Good stick...bought a fiver, and while it's been a week or so since I smoked the first one, don't recall any pepper.


----------



## Ilroy (Nov 19, 2014)

I've been wondering after having read reviews and threads like this one...what exactly does it mean to be peppery? Is it and actual pepper flavour as if you had just put pepper on your tongue, or is it a hot feeling on your tongue that you can get from pepper? I haven't developed my palate enough to easily distinguish what flavours I am tasting...i only know if I like a cigar or not...:-B


----------



## Haroon (Nov 20, 2014)

Ilroy said:


> I've been wondering after having read reviews and threads like this one...what exactly does it mean to be peppery? Is it and actual pepper flavour as if you had just put pepper on your tongue, or is it a hot feeling on your tongue that you can get from pepper? I haven't developed my palate enough to easily distinguish what flavours I am tasting...i only know if I like a cigar or not...:-B


For me it depends if it's a bad smoke it feels like some one sprayed me with mace lol but if it's a good smoke you can make put specific flavors like green pepper.


----------



## Bizumpy (Nov 14, 2014)

Ilroy said:


> I've been wondering after having read reviews and threads like this one...what exactly does it mean to be peppery?


I only recently realized what "pepper" was. For me at least, it's that harsh, uncomfortable blast that makes the first centimeter or two of my tongue feel prickly and unpleasant. I don't think "pepper" is necessarily an accurate term but I can't think of a better one. Once you grok it, you can reliably identify it as a feeling analogous to what black pepper produces when on the tongue.

These days I can smoke a cigar and my "pepper gauge" will line up with online reviews of the cigar. IMHO pepper is the easiest flavor to detect once you've gotten it.

I realize that when most people describe pepper it's not in a deprecatory way, it's just a description and some people really like it. And I don't dislike actual pepper; but for me that feeling known to cigar smokers as "pepper" is not pleasant to me.

In fact -- and this is absolutely my own opinion and nothing more -- I believe that any cheap 50-cent cigar with poor tobacco can generate a "pepper" flavor. IMHO it takes quality leaves and rolling methods to generate a flavorful cigar without it.


----------



## Ilroy (Nov 19, 2014)

Thanks guys...I guess what you are describing, I just consider to be a harsh flavour which, if it sticks around, turns that stick into a dud for my tastes...


----------



## Herf N Turf (Dec 31, 2008)

Normally, I'd be sat here scratching my head, but just last night, I smoked a Diamond Crown No.2 in natural.

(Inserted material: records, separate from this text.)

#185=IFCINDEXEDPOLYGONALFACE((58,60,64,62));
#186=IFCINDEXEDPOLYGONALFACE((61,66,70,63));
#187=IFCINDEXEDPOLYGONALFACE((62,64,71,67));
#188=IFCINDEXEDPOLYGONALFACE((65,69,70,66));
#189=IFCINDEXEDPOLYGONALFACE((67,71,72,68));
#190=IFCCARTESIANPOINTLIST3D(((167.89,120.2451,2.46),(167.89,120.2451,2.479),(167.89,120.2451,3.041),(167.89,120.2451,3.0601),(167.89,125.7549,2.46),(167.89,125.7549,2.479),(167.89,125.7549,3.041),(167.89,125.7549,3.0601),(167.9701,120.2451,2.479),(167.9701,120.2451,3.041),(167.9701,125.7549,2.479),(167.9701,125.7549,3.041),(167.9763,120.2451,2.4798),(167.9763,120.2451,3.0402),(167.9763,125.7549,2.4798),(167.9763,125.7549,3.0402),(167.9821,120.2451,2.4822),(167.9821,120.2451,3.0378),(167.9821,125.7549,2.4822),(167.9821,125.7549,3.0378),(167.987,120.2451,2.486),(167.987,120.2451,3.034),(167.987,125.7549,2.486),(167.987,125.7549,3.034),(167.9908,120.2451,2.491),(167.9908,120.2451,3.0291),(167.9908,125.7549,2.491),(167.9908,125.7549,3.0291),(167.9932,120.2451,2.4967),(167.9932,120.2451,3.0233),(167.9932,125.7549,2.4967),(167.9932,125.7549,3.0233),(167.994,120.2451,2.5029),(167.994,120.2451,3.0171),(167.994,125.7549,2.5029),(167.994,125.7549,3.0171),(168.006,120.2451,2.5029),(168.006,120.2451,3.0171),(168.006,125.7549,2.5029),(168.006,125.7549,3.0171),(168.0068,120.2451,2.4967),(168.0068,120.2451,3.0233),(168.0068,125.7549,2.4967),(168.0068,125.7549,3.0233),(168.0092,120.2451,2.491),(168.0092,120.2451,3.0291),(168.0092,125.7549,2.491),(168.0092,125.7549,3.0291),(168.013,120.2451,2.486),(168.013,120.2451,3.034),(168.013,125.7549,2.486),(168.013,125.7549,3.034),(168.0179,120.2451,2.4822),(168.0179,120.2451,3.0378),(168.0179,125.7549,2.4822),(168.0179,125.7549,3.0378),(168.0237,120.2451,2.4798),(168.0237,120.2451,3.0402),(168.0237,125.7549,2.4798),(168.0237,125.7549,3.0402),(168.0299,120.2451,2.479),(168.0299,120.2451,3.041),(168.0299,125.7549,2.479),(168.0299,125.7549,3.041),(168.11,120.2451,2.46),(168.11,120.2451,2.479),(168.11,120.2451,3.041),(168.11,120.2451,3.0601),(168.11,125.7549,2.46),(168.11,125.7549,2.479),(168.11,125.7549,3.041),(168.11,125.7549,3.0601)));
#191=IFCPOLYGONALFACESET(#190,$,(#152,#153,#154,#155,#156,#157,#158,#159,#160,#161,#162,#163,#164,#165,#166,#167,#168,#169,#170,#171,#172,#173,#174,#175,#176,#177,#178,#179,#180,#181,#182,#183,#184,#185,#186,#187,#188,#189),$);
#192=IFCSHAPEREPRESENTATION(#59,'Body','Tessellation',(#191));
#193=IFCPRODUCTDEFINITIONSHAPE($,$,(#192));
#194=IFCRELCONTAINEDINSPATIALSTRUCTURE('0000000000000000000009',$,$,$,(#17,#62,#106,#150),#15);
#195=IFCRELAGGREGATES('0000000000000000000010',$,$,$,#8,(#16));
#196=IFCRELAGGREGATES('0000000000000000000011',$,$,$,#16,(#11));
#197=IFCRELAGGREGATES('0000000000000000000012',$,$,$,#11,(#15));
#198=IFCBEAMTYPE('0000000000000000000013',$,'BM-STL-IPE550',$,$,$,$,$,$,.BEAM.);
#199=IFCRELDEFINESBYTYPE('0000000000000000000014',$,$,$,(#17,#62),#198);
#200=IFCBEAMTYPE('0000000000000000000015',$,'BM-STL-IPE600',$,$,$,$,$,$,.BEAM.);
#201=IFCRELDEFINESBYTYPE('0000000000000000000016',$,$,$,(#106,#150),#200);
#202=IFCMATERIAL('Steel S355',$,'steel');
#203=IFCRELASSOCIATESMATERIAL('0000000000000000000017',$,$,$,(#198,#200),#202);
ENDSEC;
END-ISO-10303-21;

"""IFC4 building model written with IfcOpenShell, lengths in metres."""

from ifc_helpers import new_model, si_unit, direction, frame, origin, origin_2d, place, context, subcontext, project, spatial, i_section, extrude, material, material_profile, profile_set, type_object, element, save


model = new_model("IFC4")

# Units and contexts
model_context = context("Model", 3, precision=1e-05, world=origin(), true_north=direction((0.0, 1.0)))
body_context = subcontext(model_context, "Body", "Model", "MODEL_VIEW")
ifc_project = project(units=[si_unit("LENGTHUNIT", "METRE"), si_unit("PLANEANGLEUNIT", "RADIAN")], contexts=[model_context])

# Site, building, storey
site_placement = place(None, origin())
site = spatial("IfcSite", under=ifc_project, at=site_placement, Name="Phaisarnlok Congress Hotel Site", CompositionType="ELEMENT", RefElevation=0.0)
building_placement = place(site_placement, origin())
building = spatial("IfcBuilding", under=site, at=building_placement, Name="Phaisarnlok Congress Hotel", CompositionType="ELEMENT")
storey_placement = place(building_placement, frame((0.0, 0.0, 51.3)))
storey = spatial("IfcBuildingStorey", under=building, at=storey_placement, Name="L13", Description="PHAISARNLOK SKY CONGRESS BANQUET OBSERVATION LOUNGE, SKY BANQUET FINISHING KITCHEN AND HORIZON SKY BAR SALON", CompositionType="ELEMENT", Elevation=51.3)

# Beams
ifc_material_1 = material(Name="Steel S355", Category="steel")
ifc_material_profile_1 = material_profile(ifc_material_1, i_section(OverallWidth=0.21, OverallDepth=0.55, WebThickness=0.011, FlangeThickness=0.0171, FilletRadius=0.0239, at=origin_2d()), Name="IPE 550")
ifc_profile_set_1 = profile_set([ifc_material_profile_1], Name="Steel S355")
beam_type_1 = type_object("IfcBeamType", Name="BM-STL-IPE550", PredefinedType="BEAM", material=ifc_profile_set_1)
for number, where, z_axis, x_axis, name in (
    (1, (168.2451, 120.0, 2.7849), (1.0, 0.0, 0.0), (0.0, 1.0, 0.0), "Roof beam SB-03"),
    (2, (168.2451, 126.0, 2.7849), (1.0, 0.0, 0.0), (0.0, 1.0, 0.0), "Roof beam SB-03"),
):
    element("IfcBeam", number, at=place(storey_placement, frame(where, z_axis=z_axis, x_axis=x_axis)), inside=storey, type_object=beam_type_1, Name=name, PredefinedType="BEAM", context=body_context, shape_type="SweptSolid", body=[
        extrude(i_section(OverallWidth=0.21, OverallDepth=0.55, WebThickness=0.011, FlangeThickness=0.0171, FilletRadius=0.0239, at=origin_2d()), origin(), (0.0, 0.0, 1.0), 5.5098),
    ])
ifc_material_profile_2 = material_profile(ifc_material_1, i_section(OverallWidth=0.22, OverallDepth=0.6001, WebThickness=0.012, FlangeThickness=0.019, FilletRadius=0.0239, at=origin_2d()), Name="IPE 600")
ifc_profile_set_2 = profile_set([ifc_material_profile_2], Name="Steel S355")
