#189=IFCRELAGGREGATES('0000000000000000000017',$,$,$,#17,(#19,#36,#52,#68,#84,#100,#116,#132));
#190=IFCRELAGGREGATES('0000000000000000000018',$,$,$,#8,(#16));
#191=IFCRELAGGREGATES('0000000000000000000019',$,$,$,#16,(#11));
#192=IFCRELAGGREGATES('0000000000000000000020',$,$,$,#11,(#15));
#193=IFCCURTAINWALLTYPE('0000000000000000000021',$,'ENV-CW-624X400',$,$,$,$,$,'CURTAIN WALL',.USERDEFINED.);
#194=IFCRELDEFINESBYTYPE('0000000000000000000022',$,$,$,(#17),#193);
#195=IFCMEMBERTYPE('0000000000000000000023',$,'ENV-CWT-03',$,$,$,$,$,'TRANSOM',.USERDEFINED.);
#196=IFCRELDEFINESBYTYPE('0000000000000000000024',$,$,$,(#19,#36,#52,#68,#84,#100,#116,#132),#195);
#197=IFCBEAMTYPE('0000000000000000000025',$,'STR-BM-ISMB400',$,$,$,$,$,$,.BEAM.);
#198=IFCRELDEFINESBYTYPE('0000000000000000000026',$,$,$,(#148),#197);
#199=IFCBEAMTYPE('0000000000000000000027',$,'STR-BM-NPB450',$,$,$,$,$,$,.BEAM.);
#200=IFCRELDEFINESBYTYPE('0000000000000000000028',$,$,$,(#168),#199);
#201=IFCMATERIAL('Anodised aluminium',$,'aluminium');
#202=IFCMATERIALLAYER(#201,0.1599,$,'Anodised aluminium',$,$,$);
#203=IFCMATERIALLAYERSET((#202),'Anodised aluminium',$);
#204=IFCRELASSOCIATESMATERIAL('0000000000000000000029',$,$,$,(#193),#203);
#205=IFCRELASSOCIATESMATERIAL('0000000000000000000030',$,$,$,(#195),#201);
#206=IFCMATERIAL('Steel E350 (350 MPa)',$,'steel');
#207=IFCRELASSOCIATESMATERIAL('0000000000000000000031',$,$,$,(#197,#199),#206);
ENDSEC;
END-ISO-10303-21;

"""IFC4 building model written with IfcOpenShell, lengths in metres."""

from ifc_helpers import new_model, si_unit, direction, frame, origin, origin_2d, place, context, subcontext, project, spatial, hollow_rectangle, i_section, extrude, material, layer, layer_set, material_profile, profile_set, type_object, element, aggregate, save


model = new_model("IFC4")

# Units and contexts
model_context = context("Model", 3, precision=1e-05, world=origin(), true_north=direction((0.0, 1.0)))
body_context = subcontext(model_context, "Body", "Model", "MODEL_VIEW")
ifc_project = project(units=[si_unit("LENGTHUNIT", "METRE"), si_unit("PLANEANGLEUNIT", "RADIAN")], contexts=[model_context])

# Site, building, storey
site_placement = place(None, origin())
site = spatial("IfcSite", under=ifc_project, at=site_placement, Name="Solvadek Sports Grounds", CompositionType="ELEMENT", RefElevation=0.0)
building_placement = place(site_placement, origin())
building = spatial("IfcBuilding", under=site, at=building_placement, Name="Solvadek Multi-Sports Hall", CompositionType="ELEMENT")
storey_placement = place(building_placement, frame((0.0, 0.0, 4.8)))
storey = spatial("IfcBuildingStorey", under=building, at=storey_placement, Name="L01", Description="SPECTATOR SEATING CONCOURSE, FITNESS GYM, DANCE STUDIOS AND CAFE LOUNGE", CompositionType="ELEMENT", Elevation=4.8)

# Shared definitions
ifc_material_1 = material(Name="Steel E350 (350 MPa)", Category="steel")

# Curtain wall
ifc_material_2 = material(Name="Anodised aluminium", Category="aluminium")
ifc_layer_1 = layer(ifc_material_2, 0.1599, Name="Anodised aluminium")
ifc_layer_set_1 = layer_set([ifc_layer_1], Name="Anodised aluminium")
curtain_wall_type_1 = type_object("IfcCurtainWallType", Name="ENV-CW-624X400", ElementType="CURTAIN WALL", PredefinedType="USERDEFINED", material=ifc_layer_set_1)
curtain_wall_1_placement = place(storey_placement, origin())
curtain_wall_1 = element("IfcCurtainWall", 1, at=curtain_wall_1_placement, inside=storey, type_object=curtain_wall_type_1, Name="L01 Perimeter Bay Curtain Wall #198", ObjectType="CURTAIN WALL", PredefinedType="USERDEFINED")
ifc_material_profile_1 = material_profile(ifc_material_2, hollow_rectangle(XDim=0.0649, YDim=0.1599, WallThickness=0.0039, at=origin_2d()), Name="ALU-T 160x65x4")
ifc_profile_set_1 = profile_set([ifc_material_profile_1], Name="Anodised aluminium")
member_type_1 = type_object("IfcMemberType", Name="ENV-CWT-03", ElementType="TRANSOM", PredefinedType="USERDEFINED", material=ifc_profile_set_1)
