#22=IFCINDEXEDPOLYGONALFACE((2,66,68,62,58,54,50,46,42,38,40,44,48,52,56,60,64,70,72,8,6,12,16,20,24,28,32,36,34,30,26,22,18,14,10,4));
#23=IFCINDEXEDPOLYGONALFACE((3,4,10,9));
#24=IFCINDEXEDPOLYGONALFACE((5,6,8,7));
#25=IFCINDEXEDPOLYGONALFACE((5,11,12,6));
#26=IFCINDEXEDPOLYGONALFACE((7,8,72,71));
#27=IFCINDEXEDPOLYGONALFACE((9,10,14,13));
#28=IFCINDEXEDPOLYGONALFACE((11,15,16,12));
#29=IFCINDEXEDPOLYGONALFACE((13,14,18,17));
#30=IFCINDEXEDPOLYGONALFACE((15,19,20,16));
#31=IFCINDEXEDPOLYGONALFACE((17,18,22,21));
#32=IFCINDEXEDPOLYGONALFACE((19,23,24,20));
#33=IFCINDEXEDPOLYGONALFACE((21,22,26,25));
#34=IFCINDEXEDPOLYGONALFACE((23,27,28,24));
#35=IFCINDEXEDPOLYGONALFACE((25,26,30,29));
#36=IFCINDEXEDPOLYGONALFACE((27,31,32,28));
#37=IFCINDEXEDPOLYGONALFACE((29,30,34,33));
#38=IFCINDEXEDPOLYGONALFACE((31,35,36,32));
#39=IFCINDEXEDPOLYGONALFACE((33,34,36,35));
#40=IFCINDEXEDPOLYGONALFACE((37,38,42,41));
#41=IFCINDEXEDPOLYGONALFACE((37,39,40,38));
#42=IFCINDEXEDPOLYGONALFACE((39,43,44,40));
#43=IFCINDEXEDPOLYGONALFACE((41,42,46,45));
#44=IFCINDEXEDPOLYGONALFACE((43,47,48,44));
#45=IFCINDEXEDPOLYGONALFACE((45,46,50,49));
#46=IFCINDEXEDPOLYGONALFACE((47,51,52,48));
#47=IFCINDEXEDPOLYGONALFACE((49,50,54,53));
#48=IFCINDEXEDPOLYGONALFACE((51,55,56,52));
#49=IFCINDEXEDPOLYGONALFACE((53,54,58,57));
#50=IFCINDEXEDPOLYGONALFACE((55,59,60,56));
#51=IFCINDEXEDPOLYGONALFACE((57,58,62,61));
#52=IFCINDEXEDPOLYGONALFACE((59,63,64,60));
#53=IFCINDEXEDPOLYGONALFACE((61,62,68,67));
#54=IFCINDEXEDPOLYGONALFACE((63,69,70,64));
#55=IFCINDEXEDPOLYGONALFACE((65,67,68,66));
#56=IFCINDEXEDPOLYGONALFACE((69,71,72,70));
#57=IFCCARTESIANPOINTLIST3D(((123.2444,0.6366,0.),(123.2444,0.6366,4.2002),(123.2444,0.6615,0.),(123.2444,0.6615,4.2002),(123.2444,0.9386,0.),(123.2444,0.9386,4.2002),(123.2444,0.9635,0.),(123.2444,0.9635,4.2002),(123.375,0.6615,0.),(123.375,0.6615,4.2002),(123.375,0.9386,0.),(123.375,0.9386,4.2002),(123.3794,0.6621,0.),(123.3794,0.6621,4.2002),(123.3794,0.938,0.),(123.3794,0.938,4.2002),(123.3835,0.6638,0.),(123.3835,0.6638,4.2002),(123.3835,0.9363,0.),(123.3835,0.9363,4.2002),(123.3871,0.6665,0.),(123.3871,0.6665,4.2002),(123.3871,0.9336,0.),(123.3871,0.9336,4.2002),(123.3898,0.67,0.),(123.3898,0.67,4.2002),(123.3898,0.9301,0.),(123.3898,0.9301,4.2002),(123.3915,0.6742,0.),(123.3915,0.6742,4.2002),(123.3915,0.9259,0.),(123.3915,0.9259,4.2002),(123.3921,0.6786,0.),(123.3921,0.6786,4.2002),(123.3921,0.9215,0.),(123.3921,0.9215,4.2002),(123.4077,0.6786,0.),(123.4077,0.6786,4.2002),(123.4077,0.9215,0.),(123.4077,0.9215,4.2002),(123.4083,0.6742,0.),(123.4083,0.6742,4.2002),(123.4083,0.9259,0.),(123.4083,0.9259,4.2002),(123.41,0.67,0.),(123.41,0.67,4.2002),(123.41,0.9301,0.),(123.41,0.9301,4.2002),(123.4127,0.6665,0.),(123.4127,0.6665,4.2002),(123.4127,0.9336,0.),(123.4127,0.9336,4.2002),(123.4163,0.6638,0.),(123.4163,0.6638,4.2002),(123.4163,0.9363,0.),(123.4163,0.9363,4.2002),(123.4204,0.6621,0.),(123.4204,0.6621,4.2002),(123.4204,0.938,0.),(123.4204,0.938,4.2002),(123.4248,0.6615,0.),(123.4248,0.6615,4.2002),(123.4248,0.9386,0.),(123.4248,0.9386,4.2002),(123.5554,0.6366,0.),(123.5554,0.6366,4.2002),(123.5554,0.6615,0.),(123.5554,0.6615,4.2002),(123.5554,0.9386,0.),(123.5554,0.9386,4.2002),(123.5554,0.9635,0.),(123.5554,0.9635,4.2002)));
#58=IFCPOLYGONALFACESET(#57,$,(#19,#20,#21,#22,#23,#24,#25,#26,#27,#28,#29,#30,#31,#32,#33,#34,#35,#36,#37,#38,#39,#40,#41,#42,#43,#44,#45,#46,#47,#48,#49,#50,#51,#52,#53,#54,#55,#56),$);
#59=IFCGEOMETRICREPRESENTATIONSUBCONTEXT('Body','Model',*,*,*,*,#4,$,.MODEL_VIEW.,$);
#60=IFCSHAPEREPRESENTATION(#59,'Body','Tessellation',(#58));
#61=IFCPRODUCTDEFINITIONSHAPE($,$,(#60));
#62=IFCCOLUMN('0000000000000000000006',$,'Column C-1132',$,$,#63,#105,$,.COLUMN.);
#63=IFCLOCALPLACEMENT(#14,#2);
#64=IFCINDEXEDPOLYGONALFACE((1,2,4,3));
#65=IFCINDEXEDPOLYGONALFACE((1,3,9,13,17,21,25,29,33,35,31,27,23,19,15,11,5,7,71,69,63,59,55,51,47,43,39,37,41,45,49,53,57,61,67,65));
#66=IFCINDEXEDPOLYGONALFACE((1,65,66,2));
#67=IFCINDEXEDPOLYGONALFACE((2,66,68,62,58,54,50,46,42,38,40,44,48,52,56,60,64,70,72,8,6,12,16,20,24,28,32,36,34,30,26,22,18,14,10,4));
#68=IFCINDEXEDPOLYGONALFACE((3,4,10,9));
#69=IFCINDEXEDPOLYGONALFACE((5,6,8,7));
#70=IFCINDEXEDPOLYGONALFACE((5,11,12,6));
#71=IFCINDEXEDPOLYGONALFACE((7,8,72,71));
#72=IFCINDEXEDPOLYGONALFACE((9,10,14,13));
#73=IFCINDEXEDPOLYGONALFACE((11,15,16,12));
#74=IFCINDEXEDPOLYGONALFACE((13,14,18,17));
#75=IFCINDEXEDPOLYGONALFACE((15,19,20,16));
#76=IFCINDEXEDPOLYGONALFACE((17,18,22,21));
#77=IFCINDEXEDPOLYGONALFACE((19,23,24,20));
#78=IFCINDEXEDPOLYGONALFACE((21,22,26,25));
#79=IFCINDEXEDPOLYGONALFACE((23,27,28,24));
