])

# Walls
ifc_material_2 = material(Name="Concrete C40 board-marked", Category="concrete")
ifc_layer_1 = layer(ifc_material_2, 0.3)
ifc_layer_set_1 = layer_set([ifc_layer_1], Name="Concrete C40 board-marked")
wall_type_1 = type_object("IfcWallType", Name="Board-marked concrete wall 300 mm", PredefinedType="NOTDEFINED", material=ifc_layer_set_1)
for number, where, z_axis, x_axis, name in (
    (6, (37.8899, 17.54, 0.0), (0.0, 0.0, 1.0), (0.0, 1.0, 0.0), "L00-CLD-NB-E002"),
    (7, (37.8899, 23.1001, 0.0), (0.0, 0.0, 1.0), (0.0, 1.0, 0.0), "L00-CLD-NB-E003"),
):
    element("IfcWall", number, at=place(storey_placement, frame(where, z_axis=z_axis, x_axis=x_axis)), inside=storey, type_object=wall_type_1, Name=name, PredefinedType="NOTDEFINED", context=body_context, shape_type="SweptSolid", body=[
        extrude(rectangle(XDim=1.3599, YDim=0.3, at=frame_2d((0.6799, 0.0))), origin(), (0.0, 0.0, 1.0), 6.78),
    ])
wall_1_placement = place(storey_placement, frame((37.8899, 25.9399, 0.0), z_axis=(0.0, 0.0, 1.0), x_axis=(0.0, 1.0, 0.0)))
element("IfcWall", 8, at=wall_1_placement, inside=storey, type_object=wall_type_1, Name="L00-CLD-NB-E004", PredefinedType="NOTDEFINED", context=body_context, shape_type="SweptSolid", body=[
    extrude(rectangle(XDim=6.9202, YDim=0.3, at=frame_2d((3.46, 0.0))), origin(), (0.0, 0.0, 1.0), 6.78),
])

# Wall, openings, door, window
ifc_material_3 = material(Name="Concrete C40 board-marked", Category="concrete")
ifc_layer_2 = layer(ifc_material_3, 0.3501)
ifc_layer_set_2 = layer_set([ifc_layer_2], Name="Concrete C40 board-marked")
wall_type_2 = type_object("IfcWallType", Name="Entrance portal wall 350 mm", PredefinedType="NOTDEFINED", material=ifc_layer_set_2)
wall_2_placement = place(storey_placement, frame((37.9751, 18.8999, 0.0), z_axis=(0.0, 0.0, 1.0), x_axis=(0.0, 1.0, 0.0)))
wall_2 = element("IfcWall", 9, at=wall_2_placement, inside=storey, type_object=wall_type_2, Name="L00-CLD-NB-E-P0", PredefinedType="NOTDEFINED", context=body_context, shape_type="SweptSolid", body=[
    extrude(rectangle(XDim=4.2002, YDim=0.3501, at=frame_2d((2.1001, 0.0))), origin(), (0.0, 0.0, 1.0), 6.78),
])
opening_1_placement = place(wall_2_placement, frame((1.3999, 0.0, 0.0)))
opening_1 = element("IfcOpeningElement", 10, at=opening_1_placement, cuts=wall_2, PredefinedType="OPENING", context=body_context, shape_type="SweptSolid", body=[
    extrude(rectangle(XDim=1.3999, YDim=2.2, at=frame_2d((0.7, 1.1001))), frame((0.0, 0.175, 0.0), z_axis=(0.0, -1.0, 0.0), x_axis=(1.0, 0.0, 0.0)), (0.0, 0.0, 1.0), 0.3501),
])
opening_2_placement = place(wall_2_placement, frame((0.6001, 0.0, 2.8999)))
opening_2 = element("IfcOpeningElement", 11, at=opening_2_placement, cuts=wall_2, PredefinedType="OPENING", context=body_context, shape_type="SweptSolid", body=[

I was immediately reminded of Diamond Crown's claim to fame, which is enormous complexity, but with a refreshingly mild profile. Absolutely fantastic example of the genre and I don't think even Davidoff beats these. I don't think there's an easier cigar to smoke.


----------



## Billb1960 (Oct 10, 2014)

Are we talking red, white or black pepper here?


----------



## Bizumpy (Nov 14, 2014)

I've been referring to bell pepper this whole time


----------



## Billb1960 (Oct 10, 2014)

I've seen all three referred to in various reviews, 1 review even had white and black in the same cigar. I smoked a Torano Loyal the other night that was actually really salty. Never had that before.


----------



## flathead (Nov 12, 2014)

You can't beat the illusionie Epernay for complex flavor, but no pepper, the padron 1964 series is creamy and complex


----------



## droy1958 (Sep 3, 2014)

Billb1960 said:


> I've seen all three referred to in various reviews, 1 review even had white and black in the same cigar. I smoked a Torano Loyal the other night that was actually really salty. Never had that before.


I had a JD Howard cigar a few months ago and I swear it was soaked in saltwater. All I could taste was salt.....


----------



## Billb1960 (Oct 10, 2014)

droy1958 said:


> I had a JD Howard cigar a few months ago and I swear it was soaked in saltwater. All I could taste was salt.....


Thanks for the heads up! I was looking at those but I think I'll stay away now. That Loyal was definitely not my desired flavor profile.


----------



## Aithos (Jul 13, 2014)

I am not a fan of pepper bombs either but I also like a lot of flavors. 
I have really enjoyed - 
Montecristo Espada, 
LP#9, 
La Aroma de Cuba Mi Amor (and Mi Amor Reserva), 
Flor de las Antillas,
CAO La Traviata (both natural and maduro)


----------



## Rick Hendeson (Apr 8, 2014)

Bizumpy said:


> In fact -- and this is absolutely my own opinion and nothing more -- I believe that any cheap 50-cent cigar with poor tobacco can generate a "pepper" flavor. IMHO it takes quality leaves and rolling methods to generate a flavorful cigar without it.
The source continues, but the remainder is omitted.